Some asymptomatic esophageal mucosal bridges were not treated.[3] However, in those showing symptoms, they should be divided or resected. Up to now,
various techniques and cutting devices have been employed to dissect the bridge; including
argon plasma coagulation, endoscopic knives, or endoscopic scissors.[4] Recently, treatment of an esophageal diverticulum with a 5 mm endoscopic stapler
has been reported.[5] This prompted us to use the endoscopic miniature stapler on the mucosal bridge of
this patient which was simple, quick (25 minutes operative time), and without complications.

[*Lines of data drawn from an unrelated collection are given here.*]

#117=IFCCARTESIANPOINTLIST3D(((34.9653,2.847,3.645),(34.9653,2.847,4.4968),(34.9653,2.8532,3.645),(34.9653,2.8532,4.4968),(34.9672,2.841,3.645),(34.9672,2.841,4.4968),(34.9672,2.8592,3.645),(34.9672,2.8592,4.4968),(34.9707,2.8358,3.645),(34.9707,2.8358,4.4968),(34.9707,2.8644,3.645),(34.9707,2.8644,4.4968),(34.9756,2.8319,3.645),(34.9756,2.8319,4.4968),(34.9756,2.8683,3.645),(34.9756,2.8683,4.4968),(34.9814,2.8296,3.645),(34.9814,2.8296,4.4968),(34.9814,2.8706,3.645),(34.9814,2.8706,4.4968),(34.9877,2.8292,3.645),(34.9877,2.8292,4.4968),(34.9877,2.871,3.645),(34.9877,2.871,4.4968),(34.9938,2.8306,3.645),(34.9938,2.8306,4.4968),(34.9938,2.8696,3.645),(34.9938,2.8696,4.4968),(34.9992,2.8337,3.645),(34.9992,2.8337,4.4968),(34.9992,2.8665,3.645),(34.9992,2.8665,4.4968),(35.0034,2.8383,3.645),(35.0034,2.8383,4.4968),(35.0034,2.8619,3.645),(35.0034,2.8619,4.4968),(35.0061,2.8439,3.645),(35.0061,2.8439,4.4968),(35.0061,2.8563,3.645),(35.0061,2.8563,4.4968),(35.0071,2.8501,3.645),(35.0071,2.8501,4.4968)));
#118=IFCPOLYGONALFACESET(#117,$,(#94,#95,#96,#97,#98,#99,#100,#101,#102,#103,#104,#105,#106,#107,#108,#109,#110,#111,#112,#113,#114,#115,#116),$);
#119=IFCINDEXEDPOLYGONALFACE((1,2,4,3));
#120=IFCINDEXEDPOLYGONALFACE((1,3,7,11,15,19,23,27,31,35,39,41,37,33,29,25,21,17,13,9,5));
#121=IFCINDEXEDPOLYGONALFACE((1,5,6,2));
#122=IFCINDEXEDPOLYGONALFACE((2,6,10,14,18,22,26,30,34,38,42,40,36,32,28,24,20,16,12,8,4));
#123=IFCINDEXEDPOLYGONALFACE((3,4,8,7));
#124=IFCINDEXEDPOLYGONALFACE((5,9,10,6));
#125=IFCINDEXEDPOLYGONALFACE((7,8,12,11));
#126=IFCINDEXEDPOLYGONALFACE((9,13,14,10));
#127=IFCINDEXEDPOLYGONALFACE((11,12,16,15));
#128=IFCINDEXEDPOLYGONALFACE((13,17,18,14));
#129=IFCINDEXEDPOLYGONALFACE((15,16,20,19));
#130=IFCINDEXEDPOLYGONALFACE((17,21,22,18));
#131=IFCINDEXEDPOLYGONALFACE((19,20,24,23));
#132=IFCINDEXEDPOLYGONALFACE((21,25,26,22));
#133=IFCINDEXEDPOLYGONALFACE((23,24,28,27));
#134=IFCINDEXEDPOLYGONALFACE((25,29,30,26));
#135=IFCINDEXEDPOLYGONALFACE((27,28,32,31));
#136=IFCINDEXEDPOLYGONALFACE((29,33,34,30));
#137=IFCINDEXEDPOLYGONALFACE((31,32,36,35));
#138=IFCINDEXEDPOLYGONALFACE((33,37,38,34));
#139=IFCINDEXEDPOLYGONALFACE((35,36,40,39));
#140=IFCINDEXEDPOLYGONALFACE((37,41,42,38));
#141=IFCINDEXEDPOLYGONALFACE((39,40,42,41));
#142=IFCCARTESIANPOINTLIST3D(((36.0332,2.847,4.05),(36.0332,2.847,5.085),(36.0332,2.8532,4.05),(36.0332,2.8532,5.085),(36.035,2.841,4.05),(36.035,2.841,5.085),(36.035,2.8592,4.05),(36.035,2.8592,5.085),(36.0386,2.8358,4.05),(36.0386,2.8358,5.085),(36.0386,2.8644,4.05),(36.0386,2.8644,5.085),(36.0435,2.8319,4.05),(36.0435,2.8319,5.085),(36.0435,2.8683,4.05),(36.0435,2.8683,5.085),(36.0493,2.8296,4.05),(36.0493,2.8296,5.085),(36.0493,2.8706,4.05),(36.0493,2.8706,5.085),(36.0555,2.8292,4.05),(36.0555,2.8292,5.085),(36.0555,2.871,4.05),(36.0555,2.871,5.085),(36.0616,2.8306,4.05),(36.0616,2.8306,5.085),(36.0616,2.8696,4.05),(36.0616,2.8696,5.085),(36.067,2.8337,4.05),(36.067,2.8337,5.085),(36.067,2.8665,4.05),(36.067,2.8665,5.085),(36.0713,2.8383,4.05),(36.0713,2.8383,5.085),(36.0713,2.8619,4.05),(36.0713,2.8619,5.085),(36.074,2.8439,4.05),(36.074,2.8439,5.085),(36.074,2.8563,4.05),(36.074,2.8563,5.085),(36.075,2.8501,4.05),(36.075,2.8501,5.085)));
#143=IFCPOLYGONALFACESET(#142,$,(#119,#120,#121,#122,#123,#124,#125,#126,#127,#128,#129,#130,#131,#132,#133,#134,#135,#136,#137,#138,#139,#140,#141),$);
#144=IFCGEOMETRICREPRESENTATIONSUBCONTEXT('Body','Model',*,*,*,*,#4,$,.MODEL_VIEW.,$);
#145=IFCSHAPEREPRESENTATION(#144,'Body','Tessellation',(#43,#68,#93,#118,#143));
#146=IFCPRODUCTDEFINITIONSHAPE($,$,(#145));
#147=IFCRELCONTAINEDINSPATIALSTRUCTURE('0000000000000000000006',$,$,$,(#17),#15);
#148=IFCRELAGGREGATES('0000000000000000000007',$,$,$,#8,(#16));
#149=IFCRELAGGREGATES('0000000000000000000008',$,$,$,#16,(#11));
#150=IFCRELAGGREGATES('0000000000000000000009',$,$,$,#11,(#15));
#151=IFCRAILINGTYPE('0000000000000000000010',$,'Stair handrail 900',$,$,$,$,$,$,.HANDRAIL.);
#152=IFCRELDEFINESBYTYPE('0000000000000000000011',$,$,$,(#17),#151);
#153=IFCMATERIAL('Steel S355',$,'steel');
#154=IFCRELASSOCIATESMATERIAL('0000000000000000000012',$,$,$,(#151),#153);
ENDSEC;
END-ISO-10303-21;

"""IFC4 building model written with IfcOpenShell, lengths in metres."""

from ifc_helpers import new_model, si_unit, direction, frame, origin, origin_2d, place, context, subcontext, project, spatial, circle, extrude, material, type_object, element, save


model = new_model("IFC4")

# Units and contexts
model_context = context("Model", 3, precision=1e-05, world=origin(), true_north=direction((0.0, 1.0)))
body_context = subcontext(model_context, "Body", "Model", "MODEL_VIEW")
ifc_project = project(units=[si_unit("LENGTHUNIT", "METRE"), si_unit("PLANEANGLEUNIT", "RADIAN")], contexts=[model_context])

However, the limitation of this technique is the size of the patient, because it is
necessary to insert the 5 mm stapler and the endoscope into esophagus at the same
time. In addition, an intraoperative challenge we encountered during the procedure
was to obtain a good seal for gas insufflation during flexible endoscopy with both
the endoscope and the stapler at the cervicothoracic junction. Therefore, rigid esophagoscopy
may be an alternative that does not require insufflation and therefore may be even
quicker.
Conclusion
The combination of esophageal stent placement and cuffed tracheostomy tube can cause
tracheoesophageal fistula by erosion and therefore should be avoided. Mucosal bridges
are rare but may cause dysphagia after esophageal atresia repair. They can be safely
divided endoscopically using a 5 mm miniature stapler.